胆汁の分泌、排泄が異常になると、脾胃の運化機能に影響が及んで気機が失調し、さらに精神情緒活動にも変動が生じることがある。このように、疏泄の4つの面を個別に静止的にとらえるのではなく、相互に関連して影響を与えるという立脚に立って理解すべきである。

 

 

蔵血を主る

「肝蔵血」 とは、血液を貯蔵し、血液量を調節する肝の生理機能を指している。人体各部分の血液は生理的な変動に応じて血流量が変化している。労働や勤務の時には、血液が全身各部位に分布して正常な活動の需要をみたし、休息や睡眠のときには、一部の血液が肝に貯蔵される。このことについて、唐代の王冰は「肝は血を蔵す、心は これをめぐらす。

 

人動ければすなわち血を諸経に運び、人静かなればすなわち血は肝に帰す。肝は血海を主る所以なり」といっている。肝の蔵血機能には人体各部位の血液量を調節する作用があり、肝が血液の貯蔵と血液量の調節作用を持っているため、人体内の各部分の生理活動は、すべて肝と密接なつながりがある。

 

肝の「蔵血」の機能が失調すると、血虚や出血が起こるだけでなく、様々な部位に栄養不良による病変を引きおこす。主に以下の2つの状況が出現する。

 

  • 肝の蔵する血液量の不足で、全身各部位に分布した血液が生理的活動の需要を満たすことができない。例えば、血が目を養えない(血不養目)と、眼がかすむ(目花)、眼の乾燥感や異物感(目乾渋)、夜盲などが、血が筋を養えない(血不養筋)と、筋肉の痙攣、肢体のしびれ、屈伸不利などが、血が衝任二脈に注がないと、月経量減少、閉経などがそれぞれ現れる 。

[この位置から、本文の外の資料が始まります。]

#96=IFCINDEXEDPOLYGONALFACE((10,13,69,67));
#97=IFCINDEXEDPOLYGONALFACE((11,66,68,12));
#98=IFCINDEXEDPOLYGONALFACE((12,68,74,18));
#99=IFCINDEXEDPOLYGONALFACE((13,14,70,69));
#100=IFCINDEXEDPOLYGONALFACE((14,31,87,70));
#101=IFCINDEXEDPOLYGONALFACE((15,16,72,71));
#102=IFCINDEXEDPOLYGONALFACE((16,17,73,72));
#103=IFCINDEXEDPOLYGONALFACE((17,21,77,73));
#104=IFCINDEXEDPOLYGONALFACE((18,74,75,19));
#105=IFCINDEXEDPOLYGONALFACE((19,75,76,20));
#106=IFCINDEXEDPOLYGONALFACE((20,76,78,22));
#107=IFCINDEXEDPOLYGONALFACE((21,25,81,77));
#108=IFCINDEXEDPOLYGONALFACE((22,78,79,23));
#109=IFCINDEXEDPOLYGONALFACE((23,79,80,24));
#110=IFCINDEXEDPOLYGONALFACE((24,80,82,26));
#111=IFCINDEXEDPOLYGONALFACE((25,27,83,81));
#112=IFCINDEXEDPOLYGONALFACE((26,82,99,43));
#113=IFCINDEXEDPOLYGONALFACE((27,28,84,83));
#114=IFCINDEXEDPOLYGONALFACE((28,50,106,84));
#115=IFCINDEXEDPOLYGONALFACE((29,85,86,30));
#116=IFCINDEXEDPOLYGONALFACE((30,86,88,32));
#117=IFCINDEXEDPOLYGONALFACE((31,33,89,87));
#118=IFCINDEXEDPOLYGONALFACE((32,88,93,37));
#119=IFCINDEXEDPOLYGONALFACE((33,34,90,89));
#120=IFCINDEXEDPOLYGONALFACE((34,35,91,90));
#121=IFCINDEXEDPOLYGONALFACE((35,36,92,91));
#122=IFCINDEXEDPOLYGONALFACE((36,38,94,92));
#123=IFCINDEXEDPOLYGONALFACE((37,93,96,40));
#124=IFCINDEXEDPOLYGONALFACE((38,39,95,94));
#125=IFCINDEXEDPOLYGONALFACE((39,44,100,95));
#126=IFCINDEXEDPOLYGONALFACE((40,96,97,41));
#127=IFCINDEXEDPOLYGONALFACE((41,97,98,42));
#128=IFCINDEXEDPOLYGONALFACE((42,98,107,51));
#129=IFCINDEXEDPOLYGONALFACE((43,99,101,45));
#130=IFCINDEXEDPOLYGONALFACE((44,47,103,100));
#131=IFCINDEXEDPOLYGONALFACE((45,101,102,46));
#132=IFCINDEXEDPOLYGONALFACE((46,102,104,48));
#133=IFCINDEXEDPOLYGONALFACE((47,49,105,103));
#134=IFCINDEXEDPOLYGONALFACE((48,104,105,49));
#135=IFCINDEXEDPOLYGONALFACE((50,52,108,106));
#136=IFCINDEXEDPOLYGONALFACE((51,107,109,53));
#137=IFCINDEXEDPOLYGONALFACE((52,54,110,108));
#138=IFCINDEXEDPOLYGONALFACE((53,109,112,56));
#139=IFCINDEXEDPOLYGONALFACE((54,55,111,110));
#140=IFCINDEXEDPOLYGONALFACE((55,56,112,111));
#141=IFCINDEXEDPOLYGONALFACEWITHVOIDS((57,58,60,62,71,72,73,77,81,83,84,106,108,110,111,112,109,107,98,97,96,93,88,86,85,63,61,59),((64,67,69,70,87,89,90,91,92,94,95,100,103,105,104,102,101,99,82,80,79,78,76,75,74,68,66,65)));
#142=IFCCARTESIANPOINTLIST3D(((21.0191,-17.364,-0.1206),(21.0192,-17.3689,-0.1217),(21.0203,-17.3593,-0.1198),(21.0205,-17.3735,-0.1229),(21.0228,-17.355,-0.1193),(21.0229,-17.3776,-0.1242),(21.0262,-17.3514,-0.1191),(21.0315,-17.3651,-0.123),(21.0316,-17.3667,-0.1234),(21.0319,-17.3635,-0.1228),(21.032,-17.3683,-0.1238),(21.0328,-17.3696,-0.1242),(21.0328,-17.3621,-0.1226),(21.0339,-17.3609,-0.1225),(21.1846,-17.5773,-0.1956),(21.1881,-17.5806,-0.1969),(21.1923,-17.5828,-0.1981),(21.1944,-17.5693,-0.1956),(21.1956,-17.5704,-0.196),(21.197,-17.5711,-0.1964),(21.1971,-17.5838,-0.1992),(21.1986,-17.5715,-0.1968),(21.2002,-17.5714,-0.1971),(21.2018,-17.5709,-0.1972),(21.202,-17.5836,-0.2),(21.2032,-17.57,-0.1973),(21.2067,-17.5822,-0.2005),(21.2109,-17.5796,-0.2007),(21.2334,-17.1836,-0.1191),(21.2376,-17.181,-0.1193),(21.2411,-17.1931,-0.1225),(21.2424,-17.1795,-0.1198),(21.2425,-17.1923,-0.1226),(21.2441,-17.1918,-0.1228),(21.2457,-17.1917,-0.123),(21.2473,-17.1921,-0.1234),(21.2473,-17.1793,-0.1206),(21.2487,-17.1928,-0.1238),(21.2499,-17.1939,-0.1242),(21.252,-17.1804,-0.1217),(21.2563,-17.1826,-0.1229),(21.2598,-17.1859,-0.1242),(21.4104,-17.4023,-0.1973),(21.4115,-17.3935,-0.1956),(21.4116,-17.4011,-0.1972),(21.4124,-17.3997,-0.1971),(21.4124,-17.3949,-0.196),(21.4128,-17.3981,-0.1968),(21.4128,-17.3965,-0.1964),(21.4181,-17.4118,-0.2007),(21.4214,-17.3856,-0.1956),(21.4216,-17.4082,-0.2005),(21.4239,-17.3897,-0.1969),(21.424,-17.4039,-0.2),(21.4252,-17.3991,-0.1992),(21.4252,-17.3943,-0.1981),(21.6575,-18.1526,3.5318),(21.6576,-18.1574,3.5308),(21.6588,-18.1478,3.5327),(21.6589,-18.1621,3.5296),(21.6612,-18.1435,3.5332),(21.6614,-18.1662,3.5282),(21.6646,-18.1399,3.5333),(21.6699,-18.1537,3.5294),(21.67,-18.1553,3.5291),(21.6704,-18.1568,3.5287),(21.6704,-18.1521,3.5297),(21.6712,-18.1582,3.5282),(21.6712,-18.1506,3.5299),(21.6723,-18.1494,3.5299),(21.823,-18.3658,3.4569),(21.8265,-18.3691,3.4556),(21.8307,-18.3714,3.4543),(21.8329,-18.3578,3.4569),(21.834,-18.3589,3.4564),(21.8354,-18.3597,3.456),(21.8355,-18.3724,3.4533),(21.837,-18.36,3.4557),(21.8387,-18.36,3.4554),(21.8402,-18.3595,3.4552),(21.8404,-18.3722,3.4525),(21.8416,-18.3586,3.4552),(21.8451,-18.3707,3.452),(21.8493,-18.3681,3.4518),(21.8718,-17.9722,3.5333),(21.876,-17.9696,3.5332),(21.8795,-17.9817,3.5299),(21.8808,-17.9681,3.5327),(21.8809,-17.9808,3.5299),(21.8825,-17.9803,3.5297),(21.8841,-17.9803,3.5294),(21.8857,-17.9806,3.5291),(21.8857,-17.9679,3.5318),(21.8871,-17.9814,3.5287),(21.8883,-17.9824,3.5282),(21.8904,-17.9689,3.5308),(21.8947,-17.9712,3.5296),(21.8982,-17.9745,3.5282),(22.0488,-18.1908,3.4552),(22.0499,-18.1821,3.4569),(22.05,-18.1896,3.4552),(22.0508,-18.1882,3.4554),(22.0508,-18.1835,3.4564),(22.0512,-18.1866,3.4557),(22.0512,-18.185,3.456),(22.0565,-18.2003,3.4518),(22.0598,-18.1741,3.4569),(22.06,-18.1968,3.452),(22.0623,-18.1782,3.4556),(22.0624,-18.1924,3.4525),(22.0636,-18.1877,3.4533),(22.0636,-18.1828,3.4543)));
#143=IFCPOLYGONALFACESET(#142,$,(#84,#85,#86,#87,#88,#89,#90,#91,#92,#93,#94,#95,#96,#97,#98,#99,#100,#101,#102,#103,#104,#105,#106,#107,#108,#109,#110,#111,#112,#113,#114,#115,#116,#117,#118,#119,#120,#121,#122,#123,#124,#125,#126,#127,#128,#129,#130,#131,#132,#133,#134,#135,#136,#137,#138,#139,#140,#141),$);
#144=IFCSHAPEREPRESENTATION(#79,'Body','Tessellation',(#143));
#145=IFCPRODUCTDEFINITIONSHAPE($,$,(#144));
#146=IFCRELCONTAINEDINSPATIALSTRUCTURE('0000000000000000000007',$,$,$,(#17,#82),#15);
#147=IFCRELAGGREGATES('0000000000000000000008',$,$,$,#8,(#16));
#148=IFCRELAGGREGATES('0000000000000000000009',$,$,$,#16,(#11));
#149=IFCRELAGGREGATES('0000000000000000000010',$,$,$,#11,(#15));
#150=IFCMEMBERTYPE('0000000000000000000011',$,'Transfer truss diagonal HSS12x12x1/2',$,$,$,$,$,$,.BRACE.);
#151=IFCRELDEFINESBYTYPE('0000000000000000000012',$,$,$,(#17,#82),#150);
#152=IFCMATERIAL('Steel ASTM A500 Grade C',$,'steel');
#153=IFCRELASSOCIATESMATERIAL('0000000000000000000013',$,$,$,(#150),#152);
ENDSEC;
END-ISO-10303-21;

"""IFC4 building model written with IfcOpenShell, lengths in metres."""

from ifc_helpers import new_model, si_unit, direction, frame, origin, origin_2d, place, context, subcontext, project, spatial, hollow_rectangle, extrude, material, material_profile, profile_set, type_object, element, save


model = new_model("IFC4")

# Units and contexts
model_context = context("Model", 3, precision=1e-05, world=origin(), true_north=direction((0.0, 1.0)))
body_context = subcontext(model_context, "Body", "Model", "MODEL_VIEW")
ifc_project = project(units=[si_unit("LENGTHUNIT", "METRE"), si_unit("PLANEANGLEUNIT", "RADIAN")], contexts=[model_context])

  • 肝の血を蔵する機能の減退で、月経過多、崩漏(不正性器出血 )、その他の出血などの出血傾向が現れ「肝不蔵血」と呼ばれている。肝の血液量を調節する作用は 、実際には肝の疏泄機能の血液循環に対する働きの1つである。したがって肝の血液量調節の 機能は、蔵血と 疏泄機能のバランスが保たれて初めて正常に行われるのである。昇発過多や、蔵血機能の減退は、各種の出血症を引きおこし、また疏泄のカが不足すると、肝気鬱結になって瘀血が発生する。

 

この他、蔵象学説では「肝は魂を蔵す」という説がある。 魂はすなわち神の変じたものであり、神から派生してできたものである。魂と神とは、どちらも血をその主な物質的基礎としている。心は血を主って神を蔵しており、肝は血を蔵して、魂を蔵している。肝の蔵血機能が正常であれば魂の舎る所があり、魂は安定している 。

しかし肝血が不足して、心血が欠損すると、魂も舎るところがなくなり、驚きおびえる、よく夢をみる、不眠、寝言及び幻覚などの症状が起こるようになる。